Engineering topology in waveguide arrays
The topological classification of a system depends on the discrete symmetries of its Hamiltonian. In Floquet photonic waveguide arrays, the abstract symmetries of the Altland–Zirnbauer (AZ) scheme – chiral, particle-hole, and time-reversal (for photonics, $z$-reversal) – arise from structural properties of the lattice, yet a systematic correspondence has not been established. Here, we illustrate this correspondence for a simpler system of one-dimensional waveguide arrays with real coupling coefficients, showing how bipartite structure and $z$-reflection symmetry alone determine the whole AZ class. We further demonstrate that non-bipartite networks – lacking conventional particle-hole symmetry, chiral symmetry, and $z$-reversal symmetry – can nonetheless support topologically protected boundary states at quasienergy $\varepsilon = π$, even in one dimension. The protecting symmetry – \textit{shifted}-particle-hole symmetry – applies equally to higher-dimensional Floquet waveguides.
💡 Research Summary
The paper investigates the relationship between lattice structural properties and the Altland‑Zirnbauer (AZ) symmetry classification in one‑dimensional photonic waveguide arrays with real (evanescent) coupling. By treating the paraxial wave equation as a Schrödinger‑type equation, the propagation coordinate z plays the role of time, allowing both static and periodically driven (Floquet) configurations. The authors focus on two structural ingredients: (i) bipartite (or sublattice) structure, where sites can be divided into two families A and B with couplings only between families, and (ii) z‑reflection symmetry, i.e., the existence of an axis z₀ about which the coupling pattern is mirror‑symmetric.
For real couplings, z‑reflection automatically yields a unitary operation that, combined with complex conjugation, becomes an effective “z‑reversal” symmetry (the photonic analogue of time‑reversal). The bipartite condition forces the Hamiltonian into an off‑diagonal block form, which anticommutes with the sublattice operator Σ_z. This anticommutation is precisely the definition of chiral symmetry (CS). Consequently, when both bipartite structure and z‑reflection are present, the system simultaneously possesses chiral symmetry, z‑reversal symmetry, and particle‑hole symmetry (the latter being the product of the first two). The full set of AZ symmetries places the system in class BDI, which in one dimension supports an integer‑valued winding number.
The paper then turns to non‑bipartite lattices, where conventional particle‑hole and chiral symmetries are absent. The authors introduce “shifted particle‑hole symmetry” (s‑PHS), in which the particle‑hole operation is accompanied by a fixed momentum shift k₀. This symmetry can exist even without bipartite structure and protects boundary states at quasienergy ε = π (the Floquet zone edge). A concrete three‑waveguide network is designed to illustrate s‑PHS: the three sites are coupled in a cyclic fashion with real couplings that break sublattice balance but retain the shifted particle‑hole relation. Numerical simulations of the Floquet evolution operator show localized edge modes at ε = π, confirming the topological protection afforded by s‑PHS.

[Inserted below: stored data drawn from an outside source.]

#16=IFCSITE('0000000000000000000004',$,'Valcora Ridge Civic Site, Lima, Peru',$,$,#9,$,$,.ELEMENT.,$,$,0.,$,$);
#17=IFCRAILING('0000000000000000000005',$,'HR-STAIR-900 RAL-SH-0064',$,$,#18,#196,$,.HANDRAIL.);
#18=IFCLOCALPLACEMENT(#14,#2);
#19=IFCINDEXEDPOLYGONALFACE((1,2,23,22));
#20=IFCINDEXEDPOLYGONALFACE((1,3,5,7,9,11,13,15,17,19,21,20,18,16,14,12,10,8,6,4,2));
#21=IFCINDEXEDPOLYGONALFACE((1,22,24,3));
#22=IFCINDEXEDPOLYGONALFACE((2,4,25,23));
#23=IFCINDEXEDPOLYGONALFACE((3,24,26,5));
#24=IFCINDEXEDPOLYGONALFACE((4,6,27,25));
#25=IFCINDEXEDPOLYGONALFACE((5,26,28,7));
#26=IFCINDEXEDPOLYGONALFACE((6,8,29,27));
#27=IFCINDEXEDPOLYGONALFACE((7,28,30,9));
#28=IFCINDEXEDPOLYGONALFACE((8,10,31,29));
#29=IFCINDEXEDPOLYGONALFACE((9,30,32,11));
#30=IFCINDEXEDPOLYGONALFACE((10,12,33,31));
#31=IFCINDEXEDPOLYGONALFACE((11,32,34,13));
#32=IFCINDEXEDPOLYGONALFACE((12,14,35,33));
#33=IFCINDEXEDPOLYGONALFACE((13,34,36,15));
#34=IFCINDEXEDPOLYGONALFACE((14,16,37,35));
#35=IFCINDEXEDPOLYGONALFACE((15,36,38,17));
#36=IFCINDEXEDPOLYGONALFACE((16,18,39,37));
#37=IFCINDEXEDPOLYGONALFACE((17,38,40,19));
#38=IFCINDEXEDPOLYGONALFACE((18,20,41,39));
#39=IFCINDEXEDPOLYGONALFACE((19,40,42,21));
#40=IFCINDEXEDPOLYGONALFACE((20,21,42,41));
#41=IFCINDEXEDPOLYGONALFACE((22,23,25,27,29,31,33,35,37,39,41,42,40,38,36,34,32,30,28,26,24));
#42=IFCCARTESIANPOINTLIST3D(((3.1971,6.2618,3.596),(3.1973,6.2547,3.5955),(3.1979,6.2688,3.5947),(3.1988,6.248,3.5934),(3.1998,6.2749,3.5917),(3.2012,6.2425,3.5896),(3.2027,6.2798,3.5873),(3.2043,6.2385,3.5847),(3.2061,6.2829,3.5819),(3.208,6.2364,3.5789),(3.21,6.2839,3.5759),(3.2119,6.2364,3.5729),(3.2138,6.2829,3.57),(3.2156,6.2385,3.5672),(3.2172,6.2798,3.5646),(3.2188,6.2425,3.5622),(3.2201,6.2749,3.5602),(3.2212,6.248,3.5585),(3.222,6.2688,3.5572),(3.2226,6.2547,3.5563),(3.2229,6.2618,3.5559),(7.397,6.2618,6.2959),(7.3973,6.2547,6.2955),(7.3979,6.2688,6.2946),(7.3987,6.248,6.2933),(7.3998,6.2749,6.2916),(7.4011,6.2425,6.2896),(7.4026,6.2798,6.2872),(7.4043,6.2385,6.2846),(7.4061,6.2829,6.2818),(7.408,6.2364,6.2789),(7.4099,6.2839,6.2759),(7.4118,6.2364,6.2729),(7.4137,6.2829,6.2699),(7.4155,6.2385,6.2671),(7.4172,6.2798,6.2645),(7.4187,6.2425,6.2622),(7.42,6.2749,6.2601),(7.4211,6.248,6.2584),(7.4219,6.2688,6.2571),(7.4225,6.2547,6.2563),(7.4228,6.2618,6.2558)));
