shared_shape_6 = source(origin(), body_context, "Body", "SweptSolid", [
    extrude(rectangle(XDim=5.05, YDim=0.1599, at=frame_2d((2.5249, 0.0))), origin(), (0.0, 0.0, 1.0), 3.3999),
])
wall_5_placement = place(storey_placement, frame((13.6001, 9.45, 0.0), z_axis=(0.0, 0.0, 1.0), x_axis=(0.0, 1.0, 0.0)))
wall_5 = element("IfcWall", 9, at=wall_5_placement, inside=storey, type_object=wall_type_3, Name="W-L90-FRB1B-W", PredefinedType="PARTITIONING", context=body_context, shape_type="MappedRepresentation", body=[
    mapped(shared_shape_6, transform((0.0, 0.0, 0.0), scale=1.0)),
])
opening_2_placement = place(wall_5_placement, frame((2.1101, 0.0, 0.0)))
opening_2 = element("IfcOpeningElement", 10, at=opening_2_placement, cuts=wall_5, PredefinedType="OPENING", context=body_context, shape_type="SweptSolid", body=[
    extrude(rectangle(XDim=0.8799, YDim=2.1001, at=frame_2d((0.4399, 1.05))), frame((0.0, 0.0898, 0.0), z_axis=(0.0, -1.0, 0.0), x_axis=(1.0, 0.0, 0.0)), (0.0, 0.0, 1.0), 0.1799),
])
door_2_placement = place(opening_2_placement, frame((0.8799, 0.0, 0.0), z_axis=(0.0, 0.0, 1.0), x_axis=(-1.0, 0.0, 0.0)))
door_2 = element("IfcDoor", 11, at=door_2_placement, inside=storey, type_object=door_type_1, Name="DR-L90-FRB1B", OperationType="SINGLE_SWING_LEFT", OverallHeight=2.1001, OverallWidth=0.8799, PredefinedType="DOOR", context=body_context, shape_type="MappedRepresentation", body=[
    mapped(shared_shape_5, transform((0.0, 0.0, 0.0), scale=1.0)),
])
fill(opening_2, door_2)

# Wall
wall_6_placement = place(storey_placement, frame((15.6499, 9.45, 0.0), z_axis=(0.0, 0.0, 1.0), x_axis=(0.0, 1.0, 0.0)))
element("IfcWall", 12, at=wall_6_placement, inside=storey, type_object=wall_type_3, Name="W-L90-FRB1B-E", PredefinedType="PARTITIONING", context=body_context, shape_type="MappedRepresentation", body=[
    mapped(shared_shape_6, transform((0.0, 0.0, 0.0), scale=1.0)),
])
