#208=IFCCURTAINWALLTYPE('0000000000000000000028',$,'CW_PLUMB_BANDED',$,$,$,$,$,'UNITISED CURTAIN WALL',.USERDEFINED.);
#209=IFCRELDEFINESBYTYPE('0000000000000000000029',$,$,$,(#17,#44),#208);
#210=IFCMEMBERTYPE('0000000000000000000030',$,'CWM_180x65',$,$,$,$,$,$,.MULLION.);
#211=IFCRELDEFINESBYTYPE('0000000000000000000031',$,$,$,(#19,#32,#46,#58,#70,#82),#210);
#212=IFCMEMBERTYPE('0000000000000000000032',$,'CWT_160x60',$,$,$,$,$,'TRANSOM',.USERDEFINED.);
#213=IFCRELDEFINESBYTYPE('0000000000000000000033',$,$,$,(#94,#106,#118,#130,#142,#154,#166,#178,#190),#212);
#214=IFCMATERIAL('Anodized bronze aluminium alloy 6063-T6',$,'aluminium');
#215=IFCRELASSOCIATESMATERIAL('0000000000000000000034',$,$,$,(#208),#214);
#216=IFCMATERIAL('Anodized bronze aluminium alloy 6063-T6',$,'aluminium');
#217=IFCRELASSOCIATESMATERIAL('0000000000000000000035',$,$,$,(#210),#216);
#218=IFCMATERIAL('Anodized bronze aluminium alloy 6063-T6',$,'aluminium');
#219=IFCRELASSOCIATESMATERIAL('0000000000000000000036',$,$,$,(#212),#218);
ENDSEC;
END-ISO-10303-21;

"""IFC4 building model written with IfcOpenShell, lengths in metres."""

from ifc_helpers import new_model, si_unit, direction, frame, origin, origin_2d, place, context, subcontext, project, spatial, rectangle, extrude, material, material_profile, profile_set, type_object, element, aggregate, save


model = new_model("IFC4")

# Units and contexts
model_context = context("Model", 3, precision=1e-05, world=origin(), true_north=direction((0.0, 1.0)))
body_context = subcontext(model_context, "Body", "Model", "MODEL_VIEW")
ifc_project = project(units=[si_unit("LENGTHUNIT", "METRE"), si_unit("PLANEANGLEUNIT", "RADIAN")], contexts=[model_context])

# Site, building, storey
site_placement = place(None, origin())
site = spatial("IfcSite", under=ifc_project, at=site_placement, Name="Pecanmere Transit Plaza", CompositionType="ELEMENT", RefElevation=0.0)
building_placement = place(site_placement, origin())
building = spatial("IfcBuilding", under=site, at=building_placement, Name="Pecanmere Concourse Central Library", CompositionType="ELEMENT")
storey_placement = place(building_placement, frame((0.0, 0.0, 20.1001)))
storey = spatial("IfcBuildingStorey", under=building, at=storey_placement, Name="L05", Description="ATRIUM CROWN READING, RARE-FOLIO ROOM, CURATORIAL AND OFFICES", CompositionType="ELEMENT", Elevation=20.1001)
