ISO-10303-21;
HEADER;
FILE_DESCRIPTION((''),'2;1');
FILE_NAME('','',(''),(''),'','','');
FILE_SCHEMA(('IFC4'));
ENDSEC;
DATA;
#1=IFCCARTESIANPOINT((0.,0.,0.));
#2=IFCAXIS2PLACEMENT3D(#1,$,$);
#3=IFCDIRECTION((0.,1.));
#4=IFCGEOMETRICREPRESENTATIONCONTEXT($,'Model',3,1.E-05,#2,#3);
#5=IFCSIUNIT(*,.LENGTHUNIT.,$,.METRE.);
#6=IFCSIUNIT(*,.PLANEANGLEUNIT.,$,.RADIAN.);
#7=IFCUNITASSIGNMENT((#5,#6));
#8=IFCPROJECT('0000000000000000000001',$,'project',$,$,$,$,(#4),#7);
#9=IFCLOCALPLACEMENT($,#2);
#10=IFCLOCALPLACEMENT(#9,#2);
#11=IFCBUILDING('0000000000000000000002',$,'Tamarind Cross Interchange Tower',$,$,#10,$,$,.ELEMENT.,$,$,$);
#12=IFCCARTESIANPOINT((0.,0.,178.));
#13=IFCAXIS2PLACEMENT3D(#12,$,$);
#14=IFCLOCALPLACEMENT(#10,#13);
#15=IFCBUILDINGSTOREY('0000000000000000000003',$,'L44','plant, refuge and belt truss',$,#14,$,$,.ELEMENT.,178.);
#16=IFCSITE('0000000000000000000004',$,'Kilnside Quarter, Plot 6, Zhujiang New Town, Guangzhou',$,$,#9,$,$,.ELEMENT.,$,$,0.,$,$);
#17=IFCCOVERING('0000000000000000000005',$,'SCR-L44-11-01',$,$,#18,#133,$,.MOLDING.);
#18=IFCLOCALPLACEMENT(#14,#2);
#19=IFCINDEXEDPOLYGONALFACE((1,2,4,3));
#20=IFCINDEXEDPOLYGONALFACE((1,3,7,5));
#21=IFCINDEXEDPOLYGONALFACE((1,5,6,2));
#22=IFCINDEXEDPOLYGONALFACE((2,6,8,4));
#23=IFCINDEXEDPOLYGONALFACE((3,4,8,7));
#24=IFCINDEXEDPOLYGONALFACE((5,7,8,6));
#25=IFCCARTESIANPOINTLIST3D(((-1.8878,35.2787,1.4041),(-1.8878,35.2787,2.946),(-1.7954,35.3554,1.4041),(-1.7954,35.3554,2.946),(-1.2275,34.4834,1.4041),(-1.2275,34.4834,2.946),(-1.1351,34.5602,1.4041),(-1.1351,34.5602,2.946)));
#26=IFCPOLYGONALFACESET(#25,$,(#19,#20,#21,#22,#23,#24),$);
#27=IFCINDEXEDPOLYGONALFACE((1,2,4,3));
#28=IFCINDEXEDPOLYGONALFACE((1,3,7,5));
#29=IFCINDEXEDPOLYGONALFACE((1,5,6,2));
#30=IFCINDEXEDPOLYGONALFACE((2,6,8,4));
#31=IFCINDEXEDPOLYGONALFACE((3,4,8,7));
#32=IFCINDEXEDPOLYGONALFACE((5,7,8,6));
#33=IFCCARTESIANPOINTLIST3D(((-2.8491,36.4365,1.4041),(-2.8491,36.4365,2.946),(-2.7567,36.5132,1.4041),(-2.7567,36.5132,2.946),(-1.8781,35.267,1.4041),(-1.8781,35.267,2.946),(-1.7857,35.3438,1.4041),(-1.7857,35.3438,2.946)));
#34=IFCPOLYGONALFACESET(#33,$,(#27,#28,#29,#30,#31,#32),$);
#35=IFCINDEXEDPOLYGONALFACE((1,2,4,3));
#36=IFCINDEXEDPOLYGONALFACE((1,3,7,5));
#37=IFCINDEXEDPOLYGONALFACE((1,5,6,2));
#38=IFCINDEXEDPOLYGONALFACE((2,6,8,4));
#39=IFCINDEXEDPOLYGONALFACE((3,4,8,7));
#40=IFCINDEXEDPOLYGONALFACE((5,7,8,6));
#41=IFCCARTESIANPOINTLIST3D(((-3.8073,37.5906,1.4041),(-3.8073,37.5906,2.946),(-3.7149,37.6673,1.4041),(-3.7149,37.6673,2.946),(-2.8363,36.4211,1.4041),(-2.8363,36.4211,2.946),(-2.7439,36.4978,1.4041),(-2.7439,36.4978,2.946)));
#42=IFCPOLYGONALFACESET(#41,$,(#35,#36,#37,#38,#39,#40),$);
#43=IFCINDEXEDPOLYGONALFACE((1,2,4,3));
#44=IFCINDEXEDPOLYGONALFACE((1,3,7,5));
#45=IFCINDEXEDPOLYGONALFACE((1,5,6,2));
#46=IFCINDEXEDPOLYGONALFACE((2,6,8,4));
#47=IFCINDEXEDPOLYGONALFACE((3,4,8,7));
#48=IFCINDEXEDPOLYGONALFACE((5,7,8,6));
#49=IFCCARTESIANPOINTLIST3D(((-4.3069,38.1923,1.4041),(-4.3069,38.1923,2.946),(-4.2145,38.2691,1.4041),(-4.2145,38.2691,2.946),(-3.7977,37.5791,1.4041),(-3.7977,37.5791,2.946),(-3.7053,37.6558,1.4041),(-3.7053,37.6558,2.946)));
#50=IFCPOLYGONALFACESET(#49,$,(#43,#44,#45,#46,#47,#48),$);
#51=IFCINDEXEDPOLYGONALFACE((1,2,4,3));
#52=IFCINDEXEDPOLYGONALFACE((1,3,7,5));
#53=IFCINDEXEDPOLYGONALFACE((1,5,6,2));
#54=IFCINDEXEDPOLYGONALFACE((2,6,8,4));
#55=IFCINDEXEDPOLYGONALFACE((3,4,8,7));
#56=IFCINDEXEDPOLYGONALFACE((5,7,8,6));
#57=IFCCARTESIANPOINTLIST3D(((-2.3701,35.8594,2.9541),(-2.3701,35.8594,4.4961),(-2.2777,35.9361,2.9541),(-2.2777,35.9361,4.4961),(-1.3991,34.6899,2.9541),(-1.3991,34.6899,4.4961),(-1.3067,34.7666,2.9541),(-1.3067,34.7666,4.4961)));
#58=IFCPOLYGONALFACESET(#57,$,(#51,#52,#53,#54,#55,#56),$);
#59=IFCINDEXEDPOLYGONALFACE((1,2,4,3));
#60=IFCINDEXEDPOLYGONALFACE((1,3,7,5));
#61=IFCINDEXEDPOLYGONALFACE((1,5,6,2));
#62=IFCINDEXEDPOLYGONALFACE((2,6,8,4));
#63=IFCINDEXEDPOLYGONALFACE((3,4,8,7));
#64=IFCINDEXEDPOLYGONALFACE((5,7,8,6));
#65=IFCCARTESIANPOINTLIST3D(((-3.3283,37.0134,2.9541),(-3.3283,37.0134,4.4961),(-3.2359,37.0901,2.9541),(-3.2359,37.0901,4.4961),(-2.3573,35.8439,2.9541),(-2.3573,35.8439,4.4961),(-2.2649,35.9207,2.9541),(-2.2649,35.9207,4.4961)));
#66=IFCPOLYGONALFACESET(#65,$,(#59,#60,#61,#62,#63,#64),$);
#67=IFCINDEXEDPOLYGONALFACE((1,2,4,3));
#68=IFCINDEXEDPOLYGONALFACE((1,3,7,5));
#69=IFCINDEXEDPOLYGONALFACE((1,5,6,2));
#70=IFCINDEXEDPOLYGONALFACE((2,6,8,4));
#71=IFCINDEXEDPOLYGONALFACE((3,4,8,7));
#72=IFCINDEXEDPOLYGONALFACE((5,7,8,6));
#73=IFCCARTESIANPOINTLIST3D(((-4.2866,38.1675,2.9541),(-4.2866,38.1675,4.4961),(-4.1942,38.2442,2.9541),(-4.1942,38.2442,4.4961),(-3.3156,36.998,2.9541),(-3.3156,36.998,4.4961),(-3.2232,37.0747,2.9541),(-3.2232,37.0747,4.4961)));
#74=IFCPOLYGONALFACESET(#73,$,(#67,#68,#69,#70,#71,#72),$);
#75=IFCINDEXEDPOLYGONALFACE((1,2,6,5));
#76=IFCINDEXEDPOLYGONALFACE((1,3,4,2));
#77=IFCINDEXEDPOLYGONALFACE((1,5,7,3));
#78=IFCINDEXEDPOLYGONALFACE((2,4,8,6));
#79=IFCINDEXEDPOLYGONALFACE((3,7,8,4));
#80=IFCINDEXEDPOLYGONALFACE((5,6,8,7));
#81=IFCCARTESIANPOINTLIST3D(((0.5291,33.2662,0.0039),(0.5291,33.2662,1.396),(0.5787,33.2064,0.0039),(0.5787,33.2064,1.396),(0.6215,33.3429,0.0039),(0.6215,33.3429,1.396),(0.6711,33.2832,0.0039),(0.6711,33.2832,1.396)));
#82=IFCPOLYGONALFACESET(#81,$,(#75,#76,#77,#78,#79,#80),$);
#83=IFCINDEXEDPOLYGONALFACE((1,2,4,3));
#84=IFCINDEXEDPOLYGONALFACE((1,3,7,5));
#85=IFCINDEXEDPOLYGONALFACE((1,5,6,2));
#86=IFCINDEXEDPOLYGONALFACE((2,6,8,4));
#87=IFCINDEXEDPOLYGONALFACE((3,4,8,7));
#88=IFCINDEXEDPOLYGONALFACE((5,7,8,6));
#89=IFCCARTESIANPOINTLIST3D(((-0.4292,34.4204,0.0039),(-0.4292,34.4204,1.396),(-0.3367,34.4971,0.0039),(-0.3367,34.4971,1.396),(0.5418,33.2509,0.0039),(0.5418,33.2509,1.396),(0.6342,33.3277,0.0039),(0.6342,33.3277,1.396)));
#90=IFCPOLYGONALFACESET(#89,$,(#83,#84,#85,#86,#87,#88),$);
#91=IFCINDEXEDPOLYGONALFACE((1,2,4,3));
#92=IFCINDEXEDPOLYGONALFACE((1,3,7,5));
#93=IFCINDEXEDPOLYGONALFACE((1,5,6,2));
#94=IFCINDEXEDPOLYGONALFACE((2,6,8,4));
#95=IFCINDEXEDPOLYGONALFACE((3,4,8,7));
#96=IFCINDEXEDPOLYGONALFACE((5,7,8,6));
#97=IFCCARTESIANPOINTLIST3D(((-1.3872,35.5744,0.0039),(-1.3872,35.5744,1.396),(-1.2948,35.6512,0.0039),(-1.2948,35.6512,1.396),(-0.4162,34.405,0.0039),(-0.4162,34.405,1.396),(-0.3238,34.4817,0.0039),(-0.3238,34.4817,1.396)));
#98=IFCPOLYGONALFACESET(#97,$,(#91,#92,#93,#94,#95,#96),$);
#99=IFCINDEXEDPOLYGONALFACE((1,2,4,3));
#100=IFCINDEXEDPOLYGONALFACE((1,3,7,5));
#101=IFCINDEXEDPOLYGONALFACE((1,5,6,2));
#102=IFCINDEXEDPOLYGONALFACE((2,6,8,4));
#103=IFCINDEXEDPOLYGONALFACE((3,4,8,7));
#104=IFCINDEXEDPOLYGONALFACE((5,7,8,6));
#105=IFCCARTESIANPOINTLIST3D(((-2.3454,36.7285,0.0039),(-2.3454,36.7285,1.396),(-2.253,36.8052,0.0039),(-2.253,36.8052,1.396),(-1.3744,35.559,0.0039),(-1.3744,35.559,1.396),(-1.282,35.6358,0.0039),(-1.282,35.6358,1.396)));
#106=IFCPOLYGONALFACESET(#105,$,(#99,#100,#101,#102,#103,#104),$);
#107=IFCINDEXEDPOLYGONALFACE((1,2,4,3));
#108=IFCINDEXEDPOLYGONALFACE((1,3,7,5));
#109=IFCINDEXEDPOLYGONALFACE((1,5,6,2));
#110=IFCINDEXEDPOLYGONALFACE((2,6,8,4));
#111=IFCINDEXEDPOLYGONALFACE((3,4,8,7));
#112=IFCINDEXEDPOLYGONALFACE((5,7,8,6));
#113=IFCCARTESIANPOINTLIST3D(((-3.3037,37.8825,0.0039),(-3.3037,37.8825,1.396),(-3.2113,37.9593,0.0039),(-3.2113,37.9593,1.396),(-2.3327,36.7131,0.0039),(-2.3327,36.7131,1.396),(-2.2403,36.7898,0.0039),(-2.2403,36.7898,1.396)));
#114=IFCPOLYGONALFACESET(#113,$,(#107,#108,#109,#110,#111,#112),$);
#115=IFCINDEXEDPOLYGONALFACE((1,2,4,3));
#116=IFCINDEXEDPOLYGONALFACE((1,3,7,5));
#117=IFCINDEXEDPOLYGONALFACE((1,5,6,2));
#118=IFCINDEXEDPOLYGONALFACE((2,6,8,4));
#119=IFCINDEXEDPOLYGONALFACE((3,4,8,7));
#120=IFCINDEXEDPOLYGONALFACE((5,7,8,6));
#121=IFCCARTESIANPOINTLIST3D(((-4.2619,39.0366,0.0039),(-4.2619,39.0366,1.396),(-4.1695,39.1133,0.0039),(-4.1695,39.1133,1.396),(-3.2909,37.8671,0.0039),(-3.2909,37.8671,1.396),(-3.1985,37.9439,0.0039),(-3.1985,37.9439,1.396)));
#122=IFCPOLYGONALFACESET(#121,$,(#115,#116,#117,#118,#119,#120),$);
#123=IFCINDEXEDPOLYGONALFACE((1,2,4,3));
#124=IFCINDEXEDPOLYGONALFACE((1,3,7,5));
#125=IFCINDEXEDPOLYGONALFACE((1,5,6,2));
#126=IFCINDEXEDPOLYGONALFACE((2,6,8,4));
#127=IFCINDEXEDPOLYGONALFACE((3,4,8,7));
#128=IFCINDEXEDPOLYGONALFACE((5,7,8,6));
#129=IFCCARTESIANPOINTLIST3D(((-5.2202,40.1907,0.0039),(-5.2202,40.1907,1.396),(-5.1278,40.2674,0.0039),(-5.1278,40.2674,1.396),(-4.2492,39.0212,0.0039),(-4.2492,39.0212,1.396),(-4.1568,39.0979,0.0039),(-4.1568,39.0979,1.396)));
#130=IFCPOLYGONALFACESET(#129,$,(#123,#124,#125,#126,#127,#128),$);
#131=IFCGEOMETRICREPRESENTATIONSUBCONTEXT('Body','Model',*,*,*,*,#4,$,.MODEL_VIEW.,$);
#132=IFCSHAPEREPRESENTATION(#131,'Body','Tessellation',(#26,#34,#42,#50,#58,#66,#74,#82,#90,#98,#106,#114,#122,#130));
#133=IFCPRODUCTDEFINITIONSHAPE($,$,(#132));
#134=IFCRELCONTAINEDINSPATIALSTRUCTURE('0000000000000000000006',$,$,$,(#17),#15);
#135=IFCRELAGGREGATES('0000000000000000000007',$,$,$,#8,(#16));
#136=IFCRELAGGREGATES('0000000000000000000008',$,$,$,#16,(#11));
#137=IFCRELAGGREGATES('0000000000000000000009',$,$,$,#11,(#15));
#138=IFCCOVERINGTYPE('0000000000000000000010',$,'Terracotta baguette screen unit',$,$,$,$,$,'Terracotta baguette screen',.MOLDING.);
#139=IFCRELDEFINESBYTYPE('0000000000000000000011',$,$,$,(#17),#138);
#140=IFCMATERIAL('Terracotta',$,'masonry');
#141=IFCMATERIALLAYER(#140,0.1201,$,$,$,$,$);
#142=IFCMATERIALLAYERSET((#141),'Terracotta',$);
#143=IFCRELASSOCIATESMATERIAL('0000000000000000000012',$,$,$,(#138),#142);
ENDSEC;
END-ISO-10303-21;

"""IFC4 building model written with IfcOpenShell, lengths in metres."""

from ifc_helpers import new_model, si_unit, direction, frame, origin, origin_2d, place, context, subcontext, project, spatial, rectangle, extrude, material, layer, layer_set, type_object, element, save


model = new_model("IFC4")

# Units and contexts
model_context = context("Model", 3, precision=1e-05, world=origin(), true_north=direction((0.0, 1.0)))
body_context = subcontext(model_context, "Body", "Model", "MODEL_VIEW")
ifc_project = project(units=[si_unit("LENGTHUNIT", "METRE"), si_unit("PLANEANGLEUNIT", "RADIAN")], contexts=[model_context])

# Site, building, storey
site_placement = place(None, origin())
site = spatial("IfcSite", under=ifc_project, at=site_placement, Name="Kilnside Quarter, Plot 6, Zhujiang New Town, Guangzhou", CompositionType="ELEMENT", RefElevation=0.0)
building_placement = place(site_placement, origin())
building = spatial("IfcBuilding", under=site, at=building_placement, Name="Tamarind Cross Interchange Tower", CompositionType="ELEMENT")
storey_placement = place(building_placement, frame((0.0, 0.0, 178.0)))
storey = spatial("IfcBuildingStorey", under=building, at=storey_placement, Name="L44", Description="plant, refuge and belt truss", CompositionType="ELEMENT", Elevation=178.0)

# Covering
ifc_material_1 = material(Name="Terracotta", Category="masonry")
ifc_layer_1 = layer(ifc_material_1, 0.1201)
ifc_layer_set_1 = layer_set([ifc_layer_1], Name="Terracotta")
covering_type = type_object("IfcCoveringType", Name="Terracotta baguette screen unit", ElementType="Terracotta baguette screen", PredefinedType="MOLDING", material=ifc_layer_set_1)
covering_1_placement = place(storey_placement, origin())
element("IfcCovering", 1, at=covering_1_placement, inside=storey, type_object=covering_type, Name="SCR-L44-11-01", PredefinedType="MOLDING", context=body_context, shape_type="SweptSolid", body=[
    extrude(rectangle(XDim=1.0337, YDim=0.1201, at=origin_2d()), frame((-1.5115, 34.9194, 1.4041), z_axis=(0.0, 0.0, 1.0), x_axis=(-0.6388, 0.769373, 0.0)), (0.0, 0.0, 1.0), 1.542),
    extrude(rectangle(XDim=1.52, YDim=0.1201, at=origin_2d()), frame((-2.3174, 35.8901, 1.4041), z_axis=(0.0, 0.0, 1.0), x_axis=(-0.6388, 0.769373, 0.0)), (0.0, 0.0, 1.0), 1.542),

Beyond the qualitative description, the authors derive explicit constraints on the Hamiltonian imposed by each symmetry. Chiral symmetry forces the determinant to change sign under z → −z, leading to det H(z₀)=0 for odd band numbers, and requires a vanishing trace at chiral‑symmetric points. Particle‑hole symmetry imposes similar determinant and trace conditions, but they must hold for all z, not only at special points. These algebraic criteria provide practical checks for experimental realizations.
The manuscript also discusses extensions to complex couplings (synthetic gauge fields) and to systems where polarization acts as a pseudospin. In such cases, z‑reflection and z‑reversal are no longer equivalent, and the anti‑unitary nature of T_z must be retained. The squared value T_z² can be +1 (spinless) or –1 (spin‑½), opening the possibility of Kramers degeneracy in photonic platforms.
In summary, the work establishes a clear, systematic mapping: bipartite lattice + z‑reflection ⇒ full AZ class BDI; absence of bipartiteness ⇒ possible shifted particle‑hole symmetry protecting ε = π edge states. This mapping clarifies how structural design choices directly dictate topological classification in Floquet photonic waveguide arrays, and it opens pathways to engineer higher‑dimensional topological phases using similar symmetry‑based principles.